戦況が転じるのは、いつも特異種、あるいは戦闘能力の高い天使によってだ。そういう状況をスカーはこれまで何度も見てきた。何度も見てきてなお、スカーにはそれが信じきれなかった。
「くそ。俺達も行くぞ、レイチェル!」
「あっちもこっちも敵だらけ。確かに、キル数稼ぐにゃ持ってこいだけどさ!」
レイチェルが頭を掻きむしる。頭から生えた角は多数の獣人達の存在をキャッチしており、それはもはや彼女に頭痛を引き起こすほどのプレッシャーであった。
………
アリスと同じく、突出した天使がいる。サーニャだ。正面から次々と出てくる獣人達に囲まれ、否、わざと囲まれるように引きつけてから、サーニャは獣人達の合間を縫いながら仕留めていく。
「いくよ、サニー」
サーニャは身を屈め、低い態勢で走り抜けていく。両腕に持ったPDWを大きく左右に広げたその姿は“羽付き”の羽のシルエットにも似ていた。
「うん、サーリャ」
足元や背中に銃弾が飛び交うが、サーニャには一発も当たっていない。接近すればするほど獣人達は誤射をおそれ照準をつけることができない。それが彼女の狙いだ。
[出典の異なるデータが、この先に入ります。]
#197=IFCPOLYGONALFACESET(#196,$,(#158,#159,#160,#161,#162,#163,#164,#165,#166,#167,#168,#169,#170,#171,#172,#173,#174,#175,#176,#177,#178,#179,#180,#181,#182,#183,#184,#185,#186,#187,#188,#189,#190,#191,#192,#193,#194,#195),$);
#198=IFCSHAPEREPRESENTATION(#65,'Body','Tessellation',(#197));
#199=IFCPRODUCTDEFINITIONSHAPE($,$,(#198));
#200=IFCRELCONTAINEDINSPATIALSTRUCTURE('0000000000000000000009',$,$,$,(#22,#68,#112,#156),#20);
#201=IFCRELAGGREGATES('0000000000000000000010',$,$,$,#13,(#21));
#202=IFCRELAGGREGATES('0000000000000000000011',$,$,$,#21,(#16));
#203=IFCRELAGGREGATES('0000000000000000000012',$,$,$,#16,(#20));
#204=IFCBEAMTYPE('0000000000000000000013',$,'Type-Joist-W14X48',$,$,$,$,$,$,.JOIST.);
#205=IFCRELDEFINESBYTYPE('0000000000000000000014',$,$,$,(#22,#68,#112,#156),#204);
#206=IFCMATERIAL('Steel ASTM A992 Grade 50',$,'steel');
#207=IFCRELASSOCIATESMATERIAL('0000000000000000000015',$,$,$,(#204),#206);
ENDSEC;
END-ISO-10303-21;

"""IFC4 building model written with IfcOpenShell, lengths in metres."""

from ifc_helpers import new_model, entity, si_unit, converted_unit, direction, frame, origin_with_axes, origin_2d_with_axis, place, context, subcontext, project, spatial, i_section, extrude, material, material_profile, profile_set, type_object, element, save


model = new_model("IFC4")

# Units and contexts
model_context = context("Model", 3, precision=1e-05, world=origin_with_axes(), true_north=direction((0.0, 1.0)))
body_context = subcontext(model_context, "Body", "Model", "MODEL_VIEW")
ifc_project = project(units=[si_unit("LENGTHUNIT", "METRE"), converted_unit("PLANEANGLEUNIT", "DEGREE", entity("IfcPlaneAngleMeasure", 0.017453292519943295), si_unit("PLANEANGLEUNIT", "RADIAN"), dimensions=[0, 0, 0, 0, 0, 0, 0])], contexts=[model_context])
地を蹴り、スピンターンの要領で身を翻す。と同時に両手のPDWを掃射する。横一文字に切り裂かれた二体の獣人がほぼ同時に倒れる。その光景を目にし、一瞬怯んだ獣人の頭部に穴が開く。中距離から狙うロジーナの銃弾だ。
「正面はボク達が抑えるッス! 輸送車付近の天使は右方を集中! 頭を出すんじゃないッスよ!」
叫んだ瞬間、ロジーナは一直線に向かってきたサーニャに突然身体を押し倒される。同時に右方壁上からあの“乾いた音”が響き、今までロジーナの立っていた地面に銃弾が突き刺さった。
「ッ……や、助かったッスよ、サーニャ」
「大丈夫です。気を付けてくださいね」
覆いかぶさったサーニャは屈託なく、にこりと笑う。息一つ切れていてない。
その背後ではアリスが例の黒い虎頭……特異種“ブラックタイガー”の姿を捉え、小銃を右方壁上に向けて撃つ。他の誰よりも早い反応。だが銃弾は空しく壁上の手摺を砕くに留まる。しばらくアリスはブラックタイガーの隠れた先に注視していたが、やがて一瞥し、他の獣人へと目標を変えた。
「アリス! 虎頭はやれそうか?」
「いえ。スカー隊長。あの特異種は姿を消しました。隠れたまま、撤退したのでしょう」
「そいつは……」
スカーが回りを見渡す。気付けば、正面側の銃撃が明らかに弱まっている。天使達の反撃に次ぐ反撃で、ようやく正面からの抵抗が少なくなってきたのだ。
撤退したということは、つまり。
「……よし! 動ける奴は反撃を開始しろ! あの虎頭が撤退した!」
「えっ!」
「ほ、本当に……?」
「どうしてそんなことわかるんですか」
「また戻ってくるかも……」
すっかり怯え、腰が引けている新兵達に、スカーは応える。
「そいつは――」
数人の天使達によって状況が変わる。普通の戦場ではありえないことが、この戦場では起こる。それは認めなければならない。信じなければならない。
傍らのレイチェルが渋々頷いた。彼女のレーダーも、ブラックタイガーの気配を見失ったらしい。戻ってくるか。いや、戻ってはこないだろう。奴は後方に引っ込んだ。